Fluff Pieces Every Week Day

Category: Current events

Sonic the Hedgehog artist injured by hate crime; life can be prickly for struggling artists

by Patch O'Furr

Milton Knight has a hand in works of animation and cartoon art seen by millions. For the 1993 Adventures of Sonic the Hedgehog TV series, he did storyboards and animation and is credited with design for the villain Robotnik. In nearly 40 years as a pro, he’s made countless fans happy.
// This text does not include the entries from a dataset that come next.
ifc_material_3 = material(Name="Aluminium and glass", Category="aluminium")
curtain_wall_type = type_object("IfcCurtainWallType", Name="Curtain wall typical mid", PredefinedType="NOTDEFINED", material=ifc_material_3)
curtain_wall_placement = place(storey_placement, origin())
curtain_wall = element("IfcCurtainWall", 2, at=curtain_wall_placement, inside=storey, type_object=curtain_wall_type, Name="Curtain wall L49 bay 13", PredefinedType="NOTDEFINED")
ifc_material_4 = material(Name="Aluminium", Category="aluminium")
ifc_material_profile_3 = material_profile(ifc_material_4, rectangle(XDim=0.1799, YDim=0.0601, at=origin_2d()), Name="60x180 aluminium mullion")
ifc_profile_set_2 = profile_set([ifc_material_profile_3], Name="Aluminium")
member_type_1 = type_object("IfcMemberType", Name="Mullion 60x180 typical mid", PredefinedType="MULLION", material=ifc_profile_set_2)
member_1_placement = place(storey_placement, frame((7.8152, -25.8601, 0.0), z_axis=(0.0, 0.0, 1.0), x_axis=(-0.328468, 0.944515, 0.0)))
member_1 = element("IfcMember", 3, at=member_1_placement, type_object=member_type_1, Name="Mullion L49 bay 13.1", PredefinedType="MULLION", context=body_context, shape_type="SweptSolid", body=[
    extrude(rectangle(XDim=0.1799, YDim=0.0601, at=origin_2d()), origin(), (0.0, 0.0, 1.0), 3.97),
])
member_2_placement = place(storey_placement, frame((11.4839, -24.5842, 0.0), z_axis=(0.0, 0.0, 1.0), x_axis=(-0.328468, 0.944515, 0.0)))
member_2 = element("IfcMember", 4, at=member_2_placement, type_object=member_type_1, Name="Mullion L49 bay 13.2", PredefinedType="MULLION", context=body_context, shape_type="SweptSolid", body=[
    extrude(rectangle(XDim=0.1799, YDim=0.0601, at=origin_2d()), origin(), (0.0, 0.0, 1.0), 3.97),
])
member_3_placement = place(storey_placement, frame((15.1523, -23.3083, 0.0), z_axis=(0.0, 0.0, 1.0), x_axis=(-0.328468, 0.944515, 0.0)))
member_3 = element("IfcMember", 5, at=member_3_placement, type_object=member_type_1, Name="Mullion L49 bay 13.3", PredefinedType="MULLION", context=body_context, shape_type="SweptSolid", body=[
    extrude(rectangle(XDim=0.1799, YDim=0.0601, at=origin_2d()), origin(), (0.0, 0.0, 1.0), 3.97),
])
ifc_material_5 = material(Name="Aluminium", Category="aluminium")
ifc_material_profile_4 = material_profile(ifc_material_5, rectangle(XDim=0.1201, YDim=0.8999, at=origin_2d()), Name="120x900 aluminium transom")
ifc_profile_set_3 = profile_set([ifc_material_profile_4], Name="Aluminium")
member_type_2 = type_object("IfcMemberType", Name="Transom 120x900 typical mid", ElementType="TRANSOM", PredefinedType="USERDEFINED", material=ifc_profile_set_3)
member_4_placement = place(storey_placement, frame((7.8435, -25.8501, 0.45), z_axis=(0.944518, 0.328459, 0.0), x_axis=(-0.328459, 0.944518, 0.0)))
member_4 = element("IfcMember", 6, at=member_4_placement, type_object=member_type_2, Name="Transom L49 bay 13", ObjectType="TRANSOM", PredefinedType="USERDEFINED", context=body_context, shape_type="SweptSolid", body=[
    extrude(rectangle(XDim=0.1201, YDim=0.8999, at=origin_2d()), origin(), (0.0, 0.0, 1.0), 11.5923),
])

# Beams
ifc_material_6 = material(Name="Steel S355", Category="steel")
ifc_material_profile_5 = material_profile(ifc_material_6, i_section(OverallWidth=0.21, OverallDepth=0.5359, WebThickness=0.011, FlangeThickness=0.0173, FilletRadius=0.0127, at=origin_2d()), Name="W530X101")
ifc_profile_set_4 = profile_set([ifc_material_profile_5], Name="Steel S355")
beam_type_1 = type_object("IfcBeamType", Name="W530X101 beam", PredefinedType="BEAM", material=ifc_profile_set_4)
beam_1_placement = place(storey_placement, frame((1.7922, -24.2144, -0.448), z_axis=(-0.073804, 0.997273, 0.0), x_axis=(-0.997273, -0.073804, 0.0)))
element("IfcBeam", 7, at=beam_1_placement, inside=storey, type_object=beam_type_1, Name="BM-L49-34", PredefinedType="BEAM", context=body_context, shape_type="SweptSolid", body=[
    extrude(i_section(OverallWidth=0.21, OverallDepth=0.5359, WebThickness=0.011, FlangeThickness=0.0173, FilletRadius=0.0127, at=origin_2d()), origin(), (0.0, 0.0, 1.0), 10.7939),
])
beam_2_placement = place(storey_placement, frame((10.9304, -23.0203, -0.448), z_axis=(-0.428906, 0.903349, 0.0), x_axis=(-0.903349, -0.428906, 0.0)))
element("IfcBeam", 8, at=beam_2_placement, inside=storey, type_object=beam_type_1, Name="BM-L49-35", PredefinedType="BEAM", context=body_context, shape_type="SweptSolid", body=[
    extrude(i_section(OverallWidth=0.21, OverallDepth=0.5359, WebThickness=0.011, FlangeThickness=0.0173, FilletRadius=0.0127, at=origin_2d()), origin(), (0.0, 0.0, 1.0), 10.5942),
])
But on February 25, he was hospitalized with “cuts, a broken nose, and more” at the hands of a racist stranger. Knight described enduring 15 minutes of provocative hate speech before it exploded with “endless punches to the head”. The attacker injured his fist and was jailed for battery.

Knight’s creative drive is inspired by retro style from the Golden Age of animation, and traditional ink and paint. As a pro since 1980, he got into animation on Ralph Bakshi‘s Cool World and The Twisted Tales of Felix the Cat. In comics, he worked on Teenage Mutant Ninja Turtles and Mighty Mouse. Like his inspiration from untamed 1930’s cartoons, he also did mature work like Heavy Metal and his own indie comic Midnite the Rebel Skunk. A fact that readers here may like is that he experimented with “extremely adult furry” work in the independent spirit of 1980’s fandom. In the network where pros, fans, and art curators meet, he has done archiving for the International Animated Film Association (whose president Jerry Beck was very close to “fandom founder” Fred Patten.)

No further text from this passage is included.